Book Project: The Landlord State

The Chinese state has sought to impose itself as a "landlord state," claiming monopoly ownership over urban land.  The state's efforts to profit from its nominal monopoly have motivated a broad state building project.  The state has sought to reorganize the state itself, expropriate peri-urban villagers, and impose monopoly prices on real estate developers.  As my book project shows, the state was much more successful at rebuilding itself and refashioning its relations with business interests than at imposing its will on villagers; indeed, the state has made policy concessions to villagers that undermine its ambitions as a monopolist.  I argue that these ambitions and concessions have been driven by changes in national politics.

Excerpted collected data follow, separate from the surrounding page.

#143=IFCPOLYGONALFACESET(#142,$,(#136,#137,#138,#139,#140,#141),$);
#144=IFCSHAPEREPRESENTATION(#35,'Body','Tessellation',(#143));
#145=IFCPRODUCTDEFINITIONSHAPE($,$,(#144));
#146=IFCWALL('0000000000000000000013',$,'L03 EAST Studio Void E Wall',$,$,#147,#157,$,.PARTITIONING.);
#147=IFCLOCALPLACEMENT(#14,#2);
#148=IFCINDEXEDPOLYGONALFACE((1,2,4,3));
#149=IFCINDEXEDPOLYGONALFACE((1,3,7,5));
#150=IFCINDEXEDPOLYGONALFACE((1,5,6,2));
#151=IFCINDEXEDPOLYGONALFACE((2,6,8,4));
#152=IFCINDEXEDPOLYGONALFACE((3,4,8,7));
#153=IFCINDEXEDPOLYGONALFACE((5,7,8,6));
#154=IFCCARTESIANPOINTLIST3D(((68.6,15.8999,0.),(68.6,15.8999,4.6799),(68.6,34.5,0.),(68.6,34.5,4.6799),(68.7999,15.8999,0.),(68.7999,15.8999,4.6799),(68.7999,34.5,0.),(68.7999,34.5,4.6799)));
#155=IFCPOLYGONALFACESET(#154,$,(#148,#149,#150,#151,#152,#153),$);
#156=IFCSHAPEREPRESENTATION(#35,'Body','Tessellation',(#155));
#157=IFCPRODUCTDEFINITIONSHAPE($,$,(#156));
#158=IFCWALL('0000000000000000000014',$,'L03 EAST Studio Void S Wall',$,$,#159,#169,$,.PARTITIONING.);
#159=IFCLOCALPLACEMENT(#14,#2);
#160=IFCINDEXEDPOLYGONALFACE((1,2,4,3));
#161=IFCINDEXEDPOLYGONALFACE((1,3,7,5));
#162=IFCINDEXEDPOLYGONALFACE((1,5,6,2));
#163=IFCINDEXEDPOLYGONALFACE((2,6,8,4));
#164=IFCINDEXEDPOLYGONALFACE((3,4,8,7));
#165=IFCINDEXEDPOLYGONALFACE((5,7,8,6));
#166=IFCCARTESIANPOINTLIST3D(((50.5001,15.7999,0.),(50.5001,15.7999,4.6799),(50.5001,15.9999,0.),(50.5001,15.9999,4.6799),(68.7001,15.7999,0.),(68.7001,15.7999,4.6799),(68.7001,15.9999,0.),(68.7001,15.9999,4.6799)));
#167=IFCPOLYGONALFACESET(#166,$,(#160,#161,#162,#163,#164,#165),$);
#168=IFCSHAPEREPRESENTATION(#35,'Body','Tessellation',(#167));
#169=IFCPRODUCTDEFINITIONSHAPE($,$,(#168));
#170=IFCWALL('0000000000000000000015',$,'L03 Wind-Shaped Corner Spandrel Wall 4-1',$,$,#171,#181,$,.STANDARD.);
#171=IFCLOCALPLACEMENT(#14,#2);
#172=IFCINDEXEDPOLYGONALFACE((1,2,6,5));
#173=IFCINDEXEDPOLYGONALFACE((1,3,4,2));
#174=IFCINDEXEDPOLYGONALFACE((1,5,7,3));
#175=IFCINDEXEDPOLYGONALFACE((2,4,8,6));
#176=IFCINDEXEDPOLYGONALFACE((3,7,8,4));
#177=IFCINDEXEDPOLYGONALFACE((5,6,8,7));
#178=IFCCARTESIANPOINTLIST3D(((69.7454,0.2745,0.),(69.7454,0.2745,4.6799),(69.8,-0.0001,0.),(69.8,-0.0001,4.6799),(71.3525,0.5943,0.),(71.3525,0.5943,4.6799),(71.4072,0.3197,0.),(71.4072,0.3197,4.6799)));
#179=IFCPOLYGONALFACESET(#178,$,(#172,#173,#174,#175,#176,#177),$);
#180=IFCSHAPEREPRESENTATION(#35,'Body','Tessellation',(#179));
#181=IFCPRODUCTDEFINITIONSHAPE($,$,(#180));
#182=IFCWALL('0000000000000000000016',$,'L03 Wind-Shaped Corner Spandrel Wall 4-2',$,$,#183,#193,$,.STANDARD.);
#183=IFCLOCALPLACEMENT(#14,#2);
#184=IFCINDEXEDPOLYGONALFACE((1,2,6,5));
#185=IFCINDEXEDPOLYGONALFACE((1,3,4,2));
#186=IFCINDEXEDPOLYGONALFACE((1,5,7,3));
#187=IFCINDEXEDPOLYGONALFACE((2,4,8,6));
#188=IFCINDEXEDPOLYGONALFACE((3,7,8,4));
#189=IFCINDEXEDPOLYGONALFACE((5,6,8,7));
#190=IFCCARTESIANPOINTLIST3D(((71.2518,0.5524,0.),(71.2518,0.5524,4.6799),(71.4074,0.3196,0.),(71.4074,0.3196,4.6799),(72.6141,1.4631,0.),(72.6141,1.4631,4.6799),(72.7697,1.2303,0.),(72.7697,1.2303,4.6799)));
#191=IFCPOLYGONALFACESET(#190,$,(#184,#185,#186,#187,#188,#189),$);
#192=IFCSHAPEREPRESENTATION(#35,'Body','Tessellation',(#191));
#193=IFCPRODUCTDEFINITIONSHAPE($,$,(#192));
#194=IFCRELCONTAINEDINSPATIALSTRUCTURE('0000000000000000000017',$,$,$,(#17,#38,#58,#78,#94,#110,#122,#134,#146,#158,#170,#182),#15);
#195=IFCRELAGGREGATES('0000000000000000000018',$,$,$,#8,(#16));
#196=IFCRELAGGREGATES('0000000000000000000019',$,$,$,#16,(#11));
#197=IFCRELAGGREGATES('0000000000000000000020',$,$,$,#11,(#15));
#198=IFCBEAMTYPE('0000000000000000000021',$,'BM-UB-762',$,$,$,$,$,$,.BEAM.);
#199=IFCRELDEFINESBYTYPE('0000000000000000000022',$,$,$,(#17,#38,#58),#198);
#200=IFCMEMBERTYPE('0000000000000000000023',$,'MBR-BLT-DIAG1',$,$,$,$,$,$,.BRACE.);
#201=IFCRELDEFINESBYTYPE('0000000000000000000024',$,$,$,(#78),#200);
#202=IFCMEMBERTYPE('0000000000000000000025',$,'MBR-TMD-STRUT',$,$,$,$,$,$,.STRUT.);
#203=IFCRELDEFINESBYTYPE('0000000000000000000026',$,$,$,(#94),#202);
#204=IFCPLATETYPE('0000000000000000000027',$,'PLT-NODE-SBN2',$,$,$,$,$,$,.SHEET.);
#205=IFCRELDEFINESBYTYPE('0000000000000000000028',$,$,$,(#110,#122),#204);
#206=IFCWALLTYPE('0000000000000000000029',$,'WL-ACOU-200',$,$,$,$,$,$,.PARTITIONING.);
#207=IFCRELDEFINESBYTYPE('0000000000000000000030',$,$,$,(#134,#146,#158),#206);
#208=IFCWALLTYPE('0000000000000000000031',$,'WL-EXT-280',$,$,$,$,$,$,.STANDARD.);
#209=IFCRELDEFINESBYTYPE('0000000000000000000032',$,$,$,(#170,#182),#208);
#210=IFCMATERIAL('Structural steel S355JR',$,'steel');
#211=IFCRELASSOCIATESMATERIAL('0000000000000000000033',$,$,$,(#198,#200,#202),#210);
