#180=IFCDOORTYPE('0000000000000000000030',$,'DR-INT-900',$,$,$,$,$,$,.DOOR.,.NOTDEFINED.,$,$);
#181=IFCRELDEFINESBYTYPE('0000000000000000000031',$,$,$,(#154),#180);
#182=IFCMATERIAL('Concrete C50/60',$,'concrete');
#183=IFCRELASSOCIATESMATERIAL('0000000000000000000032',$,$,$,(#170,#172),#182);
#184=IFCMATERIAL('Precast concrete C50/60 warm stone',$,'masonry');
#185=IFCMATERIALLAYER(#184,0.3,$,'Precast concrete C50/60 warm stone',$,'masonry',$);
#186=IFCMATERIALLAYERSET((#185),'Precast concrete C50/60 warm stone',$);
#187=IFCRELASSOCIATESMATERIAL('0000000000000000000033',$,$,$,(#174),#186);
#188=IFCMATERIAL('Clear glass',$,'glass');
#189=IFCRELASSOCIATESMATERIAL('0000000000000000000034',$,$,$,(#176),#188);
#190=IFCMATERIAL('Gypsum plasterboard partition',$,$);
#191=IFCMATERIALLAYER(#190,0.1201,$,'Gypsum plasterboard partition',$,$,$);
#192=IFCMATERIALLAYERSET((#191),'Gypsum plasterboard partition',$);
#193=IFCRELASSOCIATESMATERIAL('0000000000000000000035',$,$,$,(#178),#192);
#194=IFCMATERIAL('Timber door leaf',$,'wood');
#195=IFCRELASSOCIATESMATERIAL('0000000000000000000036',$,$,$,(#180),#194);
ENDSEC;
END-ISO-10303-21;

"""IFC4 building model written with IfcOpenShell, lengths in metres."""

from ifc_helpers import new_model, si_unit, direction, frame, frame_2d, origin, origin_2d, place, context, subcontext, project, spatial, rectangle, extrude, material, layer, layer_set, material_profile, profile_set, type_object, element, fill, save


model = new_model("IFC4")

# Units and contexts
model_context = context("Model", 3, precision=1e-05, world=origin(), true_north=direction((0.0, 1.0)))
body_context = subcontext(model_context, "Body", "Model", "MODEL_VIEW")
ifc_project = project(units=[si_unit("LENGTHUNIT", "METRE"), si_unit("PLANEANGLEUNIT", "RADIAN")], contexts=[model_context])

The Chinese state has met only mixed success in its ambitious landlord state project.  The state has proven adept at using institutional reforms and hierarchical discipline to overcome the resistance of pre-existing state institutions, concentrating control of state land assets in municipal and county governments.  Despite persistent corruption, real estate developers have largely been compelled to accept the state's monopoly pricing and its urban planning restrictions.  Peri-urban villagers, however, have resisted state efforts to expropriate land, extracting rising compensation over time.  This divergence between state-business and state-villager relations is part of a broader pattern in which the state has largely been able to hold businesses in line by leveraging their profit motive, but has made gradual but substantive policy concessions when citizens are incensed.  In addition to granting villagers higher compensation for their land, the Chinese state has resorted to two of its more common tactics for managing angry citizens: interposing intermediaries between itself and those from whom it seeks to extract resources, as well as packaging policy concessions as part of ambitious new state schemes.

By examining the Chinese state's landlord ambitions across the Reform Era, I highlight how state-society relations have changed over time in response to nationwide critical junctures.  Diverging from the existing literature, I argue for the centrality of temporal variation over subnational variation in our understanding of Chinese politics.  Although subnational variation in China is substantial, the landlord state model was actively promoted by the center and imposed on localities.  Key shifts in the state's internal organization and its relations with real estate developers and villagers have been driven by national bureaucratic turf battles, transitions in elite politics, and international financial crises.  The intense local politics of urban development has followed the broad patterns traced out by these national trends.